And because we could design an education system which encourages the mind to be so inquiring, rather than to be a mere knowledge-hoover which can, at regular intervals, be examined, such an active response to the world around us would become normal – not exceptional. And consider for a moment the after-life of a schooled students – how much more prepared, adept, adaptable and able to solve problems and contribute to day-to-day challenges might the young be as they go out into a world, where the jobs of tomorrow are not even in our wildest imaginings today. As Virgil noted, with such a developed enquiring mind the workforce of tomorrow will ‘fly’, because of their integrated schooling, ‘they think they can’.
If this is a pedagogic paradigm worth working towards then I think that the two key questions which arise are:
First, “…how to design and deliver a curriculum which best serves the students – rather than that which best serves politicians, educationalists, or school administrators?” I hope that my first Blog went some way to illustrate the power and common sense behind an integrated curriculum.
And second, “…how to open up students’ minds to the possibility that information is out there for them to find, discover, use, re-use and – sitting on the shoulders of giants – allow them to integrate those discoveries into their own knowledge-bank.

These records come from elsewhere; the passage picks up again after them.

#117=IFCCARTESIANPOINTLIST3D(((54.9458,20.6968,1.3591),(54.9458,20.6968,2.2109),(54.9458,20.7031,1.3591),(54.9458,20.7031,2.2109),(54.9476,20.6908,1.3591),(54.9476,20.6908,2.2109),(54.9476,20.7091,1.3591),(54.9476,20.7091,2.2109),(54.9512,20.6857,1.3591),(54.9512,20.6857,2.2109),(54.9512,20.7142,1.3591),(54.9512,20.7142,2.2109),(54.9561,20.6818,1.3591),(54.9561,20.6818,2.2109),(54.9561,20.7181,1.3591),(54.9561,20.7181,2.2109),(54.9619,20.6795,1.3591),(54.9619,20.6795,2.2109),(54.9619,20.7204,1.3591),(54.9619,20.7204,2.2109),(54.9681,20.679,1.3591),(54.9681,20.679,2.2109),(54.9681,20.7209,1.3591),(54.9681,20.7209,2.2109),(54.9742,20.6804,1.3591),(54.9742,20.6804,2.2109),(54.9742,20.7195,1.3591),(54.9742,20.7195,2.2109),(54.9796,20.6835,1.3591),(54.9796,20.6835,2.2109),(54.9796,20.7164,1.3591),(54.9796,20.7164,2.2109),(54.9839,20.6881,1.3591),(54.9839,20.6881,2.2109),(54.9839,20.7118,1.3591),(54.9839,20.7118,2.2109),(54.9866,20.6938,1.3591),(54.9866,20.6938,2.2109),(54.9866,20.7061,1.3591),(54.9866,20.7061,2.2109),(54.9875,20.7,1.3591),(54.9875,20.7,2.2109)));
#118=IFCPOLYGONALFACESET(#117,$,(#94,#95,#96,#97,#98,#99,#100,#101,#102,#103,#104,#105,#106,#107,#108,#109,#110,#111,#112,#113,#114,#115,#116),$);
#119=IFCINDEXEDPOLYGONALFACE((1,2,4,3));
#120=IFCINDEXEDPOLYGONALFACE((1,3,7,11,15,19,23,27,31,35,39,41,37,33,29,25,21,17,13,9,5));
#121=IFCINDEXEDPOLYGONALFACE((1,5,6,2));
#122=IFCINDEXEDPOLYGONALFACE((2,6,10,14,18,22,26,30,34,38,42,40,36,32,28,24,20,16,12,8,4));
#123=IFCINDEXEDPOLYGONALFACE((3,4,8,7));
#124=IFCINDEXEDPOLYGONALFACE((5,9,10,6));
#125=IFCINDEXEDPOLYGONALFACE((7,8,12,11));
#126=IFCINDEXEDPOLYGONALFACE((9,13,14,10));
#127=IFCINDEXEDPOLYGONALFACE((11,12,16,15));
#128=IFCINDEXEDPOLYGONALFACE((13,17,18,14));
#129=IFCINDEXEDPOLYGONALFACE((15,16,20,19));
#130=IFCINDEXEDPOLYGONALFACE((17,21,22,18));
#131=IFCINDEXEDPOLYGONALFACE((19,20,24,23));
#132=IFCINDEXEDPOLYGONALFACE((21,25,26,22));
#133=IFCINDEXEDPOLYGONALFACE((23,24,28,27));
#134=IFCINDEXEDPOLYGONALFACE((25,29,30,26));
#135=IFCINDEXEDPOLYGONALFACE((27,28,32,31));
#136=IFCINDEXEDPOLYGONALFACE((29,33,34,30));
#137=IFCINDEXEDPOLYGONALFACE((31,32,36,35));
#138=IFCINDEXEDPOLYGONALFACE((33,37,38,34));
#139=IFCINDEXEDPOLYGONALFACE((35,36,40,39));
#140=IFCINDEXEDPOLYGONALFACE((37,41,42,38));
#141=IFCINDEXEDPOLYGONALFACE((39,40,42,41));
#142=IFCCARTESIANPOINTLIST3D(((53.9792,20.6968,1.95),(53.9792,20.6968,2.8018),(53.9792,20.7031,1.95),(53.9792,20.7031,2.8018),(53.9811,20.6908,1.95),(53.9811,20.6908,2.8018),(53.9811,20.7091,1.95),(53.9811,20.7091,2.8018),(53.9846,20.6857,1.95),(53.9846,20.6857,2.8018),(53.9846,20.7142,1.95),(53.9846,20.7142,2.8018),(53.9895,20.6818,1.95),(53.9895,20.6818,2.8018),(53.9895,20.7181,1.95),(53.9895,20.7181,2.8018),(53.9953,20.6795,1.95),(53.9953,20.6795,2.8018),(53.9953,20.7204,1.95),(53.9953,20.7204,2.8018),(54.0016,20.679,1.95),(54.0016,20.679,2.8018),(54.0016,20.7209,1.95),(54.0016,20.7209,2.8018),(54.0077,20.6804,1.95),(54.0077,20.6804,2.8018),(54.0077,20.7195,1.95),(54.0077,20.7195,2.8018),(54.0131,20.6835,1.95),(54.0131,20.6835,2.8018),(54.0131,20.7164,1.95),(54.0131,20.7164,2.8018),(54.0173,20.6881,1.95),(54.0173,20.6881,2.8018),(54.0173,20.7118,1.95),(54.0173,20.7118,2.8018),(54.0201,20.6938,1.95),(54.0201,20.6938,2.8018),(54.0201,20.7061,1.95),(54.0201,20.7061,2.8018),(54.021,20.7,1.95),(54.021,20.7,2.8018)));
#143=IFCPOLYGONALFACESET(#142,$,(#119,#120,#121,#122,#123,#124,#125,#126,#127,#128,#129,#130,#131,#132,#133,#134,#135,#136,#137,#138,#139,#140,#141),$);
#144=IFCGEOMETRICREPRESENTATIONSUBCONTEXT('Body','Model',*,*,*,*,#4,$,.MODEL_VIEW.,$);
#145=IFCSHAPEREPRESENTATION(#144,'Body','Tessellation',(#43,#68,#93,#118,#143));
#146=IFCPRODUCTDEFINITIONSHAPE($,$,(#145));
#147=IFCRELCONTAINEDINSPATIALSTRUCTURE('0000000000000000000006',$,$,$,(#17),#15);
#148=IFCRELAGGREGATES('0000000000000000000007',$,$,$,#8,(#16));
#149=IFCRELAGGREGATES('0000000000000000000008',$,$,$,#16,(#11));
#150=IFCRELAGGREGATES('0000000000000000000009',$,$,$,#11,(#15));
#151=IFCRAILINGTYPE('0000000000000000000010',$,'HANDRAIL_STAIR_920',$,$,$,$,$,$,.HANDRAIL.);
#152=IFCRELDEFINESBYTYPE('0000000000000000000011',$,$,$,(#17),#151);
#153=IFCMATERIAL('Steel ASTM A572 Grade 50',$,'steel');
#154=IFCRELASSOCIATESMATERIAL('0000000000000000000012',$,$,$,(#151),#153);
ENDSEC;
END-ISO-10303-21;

And with their own new discoveries learners can develop their own thinking and their own individual skill-set – which all teachers hope will lead their students towards the best life they can possibly imagine?”
Three quotes bring me to the foundations on which my thinking is built:
…that ‘the purpose of education is to lead children towards intellectual development’ (Renner).
…that the aim of education is ‘learning to learn’ (Piaget).
and the third quote, which synthesises the first two:
…that the happiness of mankind comes from education for life, which is about learning how to develop mental facilities, how to express opinions and how to develop dialectic reasoning. What I call the ‘Socratic method’ or, as Leonard Nelson wrote, ‘making philosophers of students’. ‘Philosophers’ – a grand label, but one I think we should not shy away from pointing our students towards.
Nelson’s thinking was a contemporised version of how Socrates examined ‘the reputed wisdom of anyone he happened to meet’. In the ‘marketplace’ (in our model, ‘the classroom’) Socrates began by asking the stranger a question. Following the strangers answer a series of other questions elicit more answers. At this point, the stranger either revises his initial answer, offers an entirely new answer, admits to being unable to say what he knows, professes his ignorance – or marches off in a ‘huff’…which is not what we want our students to do! (We do not need to push them that far.)
We want students to understand, and embrace the concept that, only through constant pressure to speak one’s mind, meet questions with judged answers, can the universal truth be understood that ‘non-knowledge’ is the first step on the road to ‘deep-learning’ – and that ‘non-knowledge’ does not equate to ‘failure’.
Finley (2005) advocates that the aim and objective of pedagogy is for children to embrace their understandings of themselves and society and in so doing ‘encourage them to imagine all that they can do and be in their lives’ (Ibid., p.690). Finley (2005) writes that the teacher’s task is to provide tools for constructing new autobiographical images – by taking students back to the past, in order to contextualise their present inheritance of a previous society’s discoveries, and then point learners towards exploration of their own possible futures. This is a humanistic way of thinking about an educational system which aims to empower students, rather than treat them like empty vessels into which facts are poured.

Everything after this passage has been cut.